Each of the four provinces — Punjab, Sindh,Khyber Pakhtunkhwa (North-West Frontier Province, NWFP), and Balochistan — has a Chief Minister and provincial assembly. The Northern Areas (with Azad Kashmir) are administered by the federal government but enjoy considerable autonomy. The same was true with the Federally Administered Tribal Areas (FATA) but that was made part of Khyber Pakhtunkhwa relatively recently. The cabinet, National Security Council, and governors serve at the president's discretion. [Source: Countries of the World and Their Leaders Yearbook 2009, Gale]

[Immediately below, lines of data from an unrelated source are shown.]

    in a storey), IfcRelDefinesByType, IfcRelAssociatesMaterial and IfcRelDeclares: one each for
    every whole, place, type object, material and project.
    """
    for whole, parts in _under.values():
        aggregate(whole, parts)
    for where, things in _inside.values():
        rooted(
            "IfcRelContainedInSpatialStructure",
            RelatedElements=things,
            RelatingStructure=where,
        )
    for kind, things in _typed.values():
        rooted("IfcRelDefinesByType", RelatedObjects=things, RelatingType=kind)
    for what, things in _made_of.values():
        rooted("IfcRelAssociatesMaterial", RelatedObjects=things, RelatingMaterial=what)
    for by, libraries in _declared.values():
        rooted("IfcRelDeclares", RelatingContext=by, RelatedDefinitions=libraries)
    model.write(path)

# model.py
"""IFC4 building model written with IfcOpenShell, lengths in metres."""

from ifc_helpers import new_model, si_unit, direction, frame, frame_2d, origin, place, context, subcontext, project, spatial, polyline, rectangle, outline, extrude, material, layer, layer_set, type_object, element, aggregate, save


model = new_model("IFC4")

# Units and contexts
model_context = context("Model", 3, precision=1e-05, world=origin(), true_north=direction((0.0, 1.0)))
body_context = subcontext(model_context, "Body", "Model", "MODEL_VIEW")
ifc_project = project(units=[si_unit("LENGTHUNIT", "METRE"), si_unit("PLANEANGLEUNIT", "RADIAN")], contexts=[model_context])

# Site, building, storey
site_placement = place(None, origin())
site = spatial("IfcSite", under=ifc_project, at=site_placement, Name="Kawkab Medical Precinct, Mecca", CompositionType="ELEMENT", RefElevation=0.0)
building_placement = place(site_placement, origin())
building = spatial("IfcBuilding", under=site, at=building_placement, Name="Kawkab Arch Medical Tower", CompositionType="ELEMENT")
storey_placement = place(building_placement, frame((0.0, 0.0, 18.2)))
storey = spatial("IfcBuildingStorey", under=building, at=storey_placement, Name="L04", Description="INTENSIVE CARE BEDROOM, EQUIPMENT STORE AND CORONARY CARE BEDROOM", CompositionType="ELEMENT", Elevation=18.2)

Pakistan’s four provinces have deep historic roots and linguistic and cultural elements that distinguish and separate them. The provinces, in order of population size, are Punjab (with Lahore), Sindh (with Karachi), Northwest Frontier Province (with Peshawar), and Balochistan (with Quetta). Balochistanis the largest in area. Under the 1973 constitution, provinces have popularly elected provincial assemblies and a governor appointed by the president. The senior administrative officer of each province is the chief secretary. [Source: “Worldmark Encyclopedia of Nations”, Thomson Gale, 2007]
According to the “Worldmark Encyclopedia of Nations”: “Each province is divided administratively into divisions headed by commissioners who, like the chief secretary and the secretaries of provincial ministries, are senior members of the Pakistan Civil Service (CSP). Divisions are further subdivided into districts headed (depending on local usage) by deputy commissioners, district officers, or collectors, also members of the CSP, who manage development funds, collect the revenues, supervise the police, adjudicate disputes, administer justice, and interface with the elected councils at the local level which have limited taxing authority, decide on priorities for local development programs, and try certain local legal cases.”

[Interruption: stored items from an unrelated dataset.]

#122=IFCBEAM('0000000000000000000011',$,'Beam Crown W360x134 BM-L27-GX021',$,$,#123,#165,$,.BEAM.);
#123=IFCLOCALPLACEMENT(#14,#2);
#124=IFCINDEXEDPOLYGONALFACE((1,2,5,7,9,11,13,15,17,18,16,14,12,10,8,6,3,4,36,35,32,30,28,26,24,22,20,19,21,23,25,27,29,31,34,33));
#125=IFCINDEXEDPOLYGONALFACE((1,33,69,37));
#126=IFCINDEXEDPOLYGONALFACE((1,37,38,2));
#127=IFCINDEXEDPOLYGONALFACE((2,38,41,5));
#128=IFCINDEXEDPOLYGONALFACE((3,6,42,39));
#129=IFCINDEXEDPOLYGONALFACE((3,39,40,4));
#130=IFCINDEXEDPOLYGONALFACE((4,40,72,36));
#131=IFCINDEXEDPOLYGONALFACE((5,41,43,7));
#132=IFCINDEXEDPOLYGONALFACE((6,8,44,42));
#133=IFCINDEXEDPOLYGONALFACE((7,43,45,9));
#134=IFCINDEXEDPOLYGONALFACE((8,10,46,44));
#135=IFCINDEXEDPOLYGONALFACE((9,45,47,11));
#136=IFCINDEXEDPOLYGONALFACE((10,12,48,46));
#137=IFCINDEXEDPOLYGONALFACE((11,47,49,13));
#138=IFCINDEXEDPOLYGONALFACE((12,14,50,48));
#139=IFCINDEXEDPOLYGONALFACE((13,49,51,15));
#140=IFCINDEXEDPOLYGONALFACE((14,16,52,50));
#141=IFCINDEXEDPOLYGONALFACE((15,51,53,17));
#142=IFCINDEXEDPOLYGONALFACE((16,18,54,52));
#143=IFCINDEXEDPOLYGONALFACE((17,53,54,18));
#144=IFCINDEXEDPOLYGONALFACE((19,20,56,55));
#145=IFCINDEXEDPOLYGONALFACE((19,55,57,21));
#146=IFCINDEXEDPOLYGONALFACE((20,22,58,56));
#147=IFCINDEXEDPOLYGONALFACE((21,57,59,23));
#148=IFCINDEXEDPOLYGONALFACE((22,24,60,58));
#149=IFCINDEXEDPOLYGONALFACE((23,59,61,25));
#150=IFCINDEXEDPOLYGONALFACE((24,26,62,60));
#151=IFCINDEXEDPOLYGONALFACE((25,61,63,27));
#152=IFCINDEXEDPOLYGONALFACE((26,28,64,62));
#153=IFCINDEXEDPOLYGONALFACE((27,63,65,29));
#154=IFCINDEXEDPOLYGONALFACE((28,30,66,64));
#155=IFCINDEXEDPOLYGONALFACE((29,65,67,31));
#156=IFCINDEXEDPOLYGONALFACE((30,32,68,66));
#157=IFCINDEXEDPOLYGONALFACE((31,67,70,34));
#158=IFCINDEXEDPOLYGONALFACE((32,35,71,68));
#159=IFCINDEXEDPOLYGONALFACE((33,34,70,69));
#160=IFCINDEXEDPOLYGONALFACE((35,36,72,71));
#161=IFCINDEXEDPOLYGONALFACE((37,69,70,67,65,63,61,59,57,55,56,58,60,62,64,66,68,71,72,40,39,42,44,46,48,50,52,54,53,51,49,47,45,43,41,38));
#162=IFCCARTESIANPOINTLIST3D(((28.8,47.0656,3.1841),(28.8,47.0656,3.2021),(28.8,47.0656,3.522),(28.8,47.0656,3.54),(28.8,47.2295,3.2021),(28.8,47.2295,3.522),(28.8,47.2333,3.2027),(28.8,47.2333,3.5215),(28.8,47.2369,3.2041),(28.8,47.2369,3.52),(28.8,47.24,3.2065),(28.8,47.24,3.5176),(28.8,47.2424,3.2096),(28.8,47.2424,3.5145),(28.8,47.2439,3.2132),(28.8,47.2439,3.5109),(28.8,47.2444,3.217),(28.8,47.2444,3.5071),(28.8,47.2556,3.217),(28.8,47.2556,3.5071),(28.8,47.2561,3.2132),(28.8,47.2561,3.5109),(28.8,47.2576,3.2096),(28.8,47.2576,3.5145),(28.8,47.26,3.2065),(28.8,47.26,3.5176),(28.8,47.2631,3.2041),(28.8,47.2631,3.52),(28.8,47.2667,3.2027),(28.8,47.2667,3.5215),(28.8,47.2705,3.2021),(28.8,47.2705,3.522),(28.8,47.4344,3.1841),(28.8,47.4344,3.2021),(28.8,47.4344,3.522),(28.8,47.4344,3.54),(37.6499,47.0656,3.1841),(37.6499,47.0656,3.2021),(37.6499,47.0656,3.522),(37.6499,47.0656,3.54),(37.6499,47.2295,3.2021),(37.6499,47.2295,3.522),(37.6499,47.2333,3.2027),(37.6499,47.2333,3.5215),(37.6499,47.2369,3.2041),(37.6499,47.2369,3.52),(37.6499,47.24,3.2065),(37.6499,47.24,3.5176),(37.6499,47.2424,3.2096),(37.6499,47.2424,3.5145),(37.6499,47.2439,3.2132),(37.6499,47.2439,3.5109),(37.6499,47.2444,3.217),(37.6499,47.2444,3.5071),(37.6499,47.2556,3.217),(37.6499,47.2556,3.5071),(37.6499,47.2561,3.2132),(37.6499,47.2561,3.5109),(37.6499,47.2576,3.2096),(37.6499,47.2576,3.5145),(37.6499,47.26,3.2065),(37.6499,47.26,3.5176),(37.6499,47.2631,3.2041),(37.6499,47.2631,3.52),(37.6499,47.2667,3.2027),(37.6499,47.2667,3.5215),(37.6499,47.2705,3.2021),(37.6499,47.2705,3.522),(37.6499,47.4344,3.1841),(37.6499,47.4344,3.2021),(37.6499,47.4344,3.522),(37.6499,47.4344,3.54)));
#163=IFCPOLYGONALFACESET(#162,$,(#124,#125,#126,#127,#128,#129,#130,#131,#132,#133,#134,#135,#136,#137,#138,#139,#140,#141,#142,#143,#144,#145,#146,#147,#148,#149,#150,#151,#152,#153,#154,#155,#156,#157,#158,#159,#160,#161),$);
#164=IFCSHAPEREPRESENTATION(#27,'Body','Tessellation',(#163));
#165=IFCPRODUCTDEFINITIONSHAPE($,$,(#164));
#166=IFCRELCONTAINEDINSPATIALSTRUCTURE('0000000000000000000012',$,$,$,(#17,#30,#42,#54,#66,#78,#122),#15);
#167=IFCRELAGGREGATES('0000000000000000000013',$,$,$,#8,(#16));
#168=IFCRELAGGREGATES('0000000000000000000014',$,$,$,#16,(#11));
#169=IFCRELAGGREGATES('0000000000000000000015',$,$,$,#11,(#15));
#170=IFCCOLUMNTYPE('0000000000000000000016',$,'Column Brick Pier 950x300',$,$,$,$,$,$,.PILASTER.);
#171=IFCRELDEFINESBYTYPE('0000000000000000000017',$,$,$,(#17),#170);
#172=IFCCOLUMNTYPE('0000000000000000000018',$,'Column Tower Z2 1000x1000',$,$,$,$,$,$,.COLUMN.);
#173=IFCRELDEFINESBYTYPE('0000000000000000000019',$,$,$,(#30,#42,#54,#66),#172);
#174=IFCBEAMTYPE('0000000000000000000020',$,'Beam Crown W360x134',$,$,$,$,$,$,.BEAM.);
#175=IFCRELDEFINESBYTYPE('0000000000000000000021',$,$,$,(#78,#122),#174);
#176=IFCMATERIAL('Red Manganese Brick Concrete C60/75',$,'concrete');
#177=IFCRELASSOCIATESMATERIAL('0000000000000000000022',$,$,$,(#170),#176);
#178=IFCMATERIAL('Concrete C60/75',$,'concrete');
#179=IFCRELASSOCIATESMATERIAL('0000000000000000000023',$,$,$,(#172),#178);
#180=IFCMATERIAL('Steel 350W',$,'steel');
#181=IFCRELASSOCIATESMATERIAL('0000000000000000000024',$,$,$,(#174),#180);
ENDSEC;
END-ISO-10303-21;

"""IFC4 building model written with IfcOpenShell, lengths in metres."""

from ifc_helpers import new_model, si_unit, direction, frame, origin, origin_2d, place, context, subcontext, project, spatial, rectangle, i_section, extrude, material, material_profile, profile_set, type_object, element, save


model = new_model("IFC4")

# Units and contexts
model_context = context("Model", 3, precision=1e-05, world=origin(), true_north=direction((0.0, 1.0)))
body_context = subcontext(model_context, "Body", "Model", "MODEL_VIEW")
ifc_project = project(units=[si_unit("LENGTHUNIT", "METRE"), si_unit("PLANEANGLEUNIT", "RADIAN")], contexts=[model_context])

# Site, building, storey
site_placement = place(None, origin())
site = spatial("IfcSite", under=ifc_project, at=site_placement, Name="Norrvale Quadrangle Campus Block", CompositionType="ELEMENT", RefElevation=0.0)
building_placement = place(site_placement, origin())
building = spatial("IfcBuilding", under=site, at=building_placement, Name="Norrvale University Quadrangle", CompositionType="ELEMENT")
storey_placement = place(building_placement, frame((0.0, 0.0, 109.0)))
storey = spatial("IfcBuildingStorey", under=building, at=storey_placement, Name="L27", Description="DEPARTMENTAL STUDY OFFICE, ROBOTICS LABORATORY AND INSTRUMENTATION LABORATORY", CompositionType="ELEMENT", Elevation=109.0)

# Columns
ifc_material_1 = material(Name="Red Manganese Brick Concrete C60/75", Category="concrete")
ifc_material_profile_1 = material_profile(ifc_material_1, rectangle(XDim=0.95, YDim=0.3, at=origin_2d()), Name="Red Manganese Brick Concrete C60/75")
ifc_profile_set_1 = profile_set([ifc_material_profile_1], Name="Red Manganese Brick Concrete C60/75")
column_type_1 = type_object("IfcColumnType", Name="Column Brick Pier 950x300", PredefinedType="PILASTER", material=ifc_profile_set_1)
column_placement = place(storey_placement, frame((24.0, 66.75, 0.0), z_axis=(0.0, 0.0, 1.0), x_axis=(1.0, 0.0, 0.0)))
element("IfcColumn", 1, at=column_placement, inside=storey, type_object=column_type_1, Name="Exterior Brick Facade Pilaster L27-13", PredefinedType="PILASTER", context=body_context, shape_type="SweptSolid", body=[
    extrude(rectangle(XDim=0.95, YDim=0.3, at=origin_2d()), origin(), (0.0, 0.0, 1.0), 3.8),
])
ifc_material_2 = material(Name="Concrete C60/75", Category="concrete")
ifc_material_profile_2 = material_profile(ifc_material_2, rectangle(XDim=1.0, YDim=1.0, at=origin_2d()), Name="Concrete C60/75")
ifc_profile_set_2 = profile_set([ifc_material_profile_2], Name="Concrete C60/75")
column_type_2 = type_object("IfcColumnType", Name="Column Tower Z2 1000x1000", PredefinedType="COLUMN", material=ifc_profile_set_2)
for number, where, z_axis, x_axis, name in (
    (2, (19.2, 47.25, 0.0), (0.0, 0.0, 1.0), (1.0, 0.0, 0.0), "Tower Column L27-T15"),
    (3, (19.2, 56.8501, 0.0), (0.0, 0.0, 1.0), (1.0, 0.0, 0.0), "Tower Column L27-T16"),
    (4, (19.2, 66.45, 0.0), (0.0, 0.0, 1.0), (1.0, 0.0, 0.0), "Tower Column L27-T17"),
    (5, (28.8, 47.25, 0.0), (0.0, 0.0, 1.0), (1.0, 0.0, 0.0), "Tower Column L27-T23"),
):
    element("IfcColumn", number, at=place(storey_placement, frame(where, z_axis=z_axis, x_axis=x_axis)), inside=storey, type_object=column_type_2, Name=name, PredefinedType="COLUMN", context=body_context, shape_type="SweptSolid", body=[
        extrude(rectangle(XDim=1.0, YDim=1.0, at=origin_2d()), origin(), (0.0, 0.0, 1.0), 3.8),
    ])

Administrative Divisions of Pakistan
Administrative divisions of Pakistan: four provinces: 1) Balochistan, 2)Khyber Pakhtunkhwa (North-West Frontier Province, NWFP), 3) Punjab, 4. Sindh. There are also two Pakistan-administered areas (Azad Kashmir and Gilgit-Baltistan) and one capital territory (Islamabad Capital Territory). Provinces are divided into commissar’s divisions and they in turn are divided into districts, which are divided into tehsils (townships). [Source: CIA World Factbook, 2020]
Khyber Pakhtunkhwa and the Islamabad Capital Territory, which consists of the capital city of Islamabad, are under the jurisdiction of the federal government. Federally Administered Tribal Areas (FATA) was a former semi-autonomous tribal region in northwestern Pakistan that existed from 1947 until being merged with neighboring province Khyber Pakhtunkhwa in 2018. It consisted of seven tribal agencies (districts) ---- Bajaur, Mohmand, Khyber, Kurram, Orakzai, North Waziristan, and South Waziristan — and six frontier regions.
The Northern Areas — Azad Kashmir and Gilgit-Baltistan — are administered as a de facto “Union Territory” and are treated as an integral part of Pakistan. The Pakistani-administered portion of the disputed Jammu and Kashmir region includes Azad Kashmir, a separate and autonomous government that maintains strong ties to Pakistan.
Pakistan has numerous federally administered areas. Provincial boundaries correspond with areas of numerically dominant linguistic groups, and provinces are divided into a total of 26 divisions that are further subdivided into 101 districts. Federally administered areas include the the western third of Jammu and Kashmir, although Kashmir’s status is contested by India. [Source: Library of Congress, February 2005 **]
Local-Level Politics and Administration
The federal Pakistani government has not been a big supporter of village-level democracy. In the 1960s, the government established a “Basic Democracies” policy in which a system of councils from the “circle” level up to the province held an election in each village of one “basic democrat” per 1,000 to 1,500 voters. The councils were controlled by landlords and bureaucrats and did not represent the villagers they were supposed to represent. The result has been a division of political and economic power between the rich and the poor/
The chief executive of a state is the governor who is appointed by the President. Provincial legislatures have never really been given a chance to develop because the country has been under military rule so much of the time. Musharraf tried to give more power to local district governments and set aside posts for women and minorities. Th system was introduced in elections in December 2000 that generally had a low turnout or were boycotted by through efforts by Muslim extremists.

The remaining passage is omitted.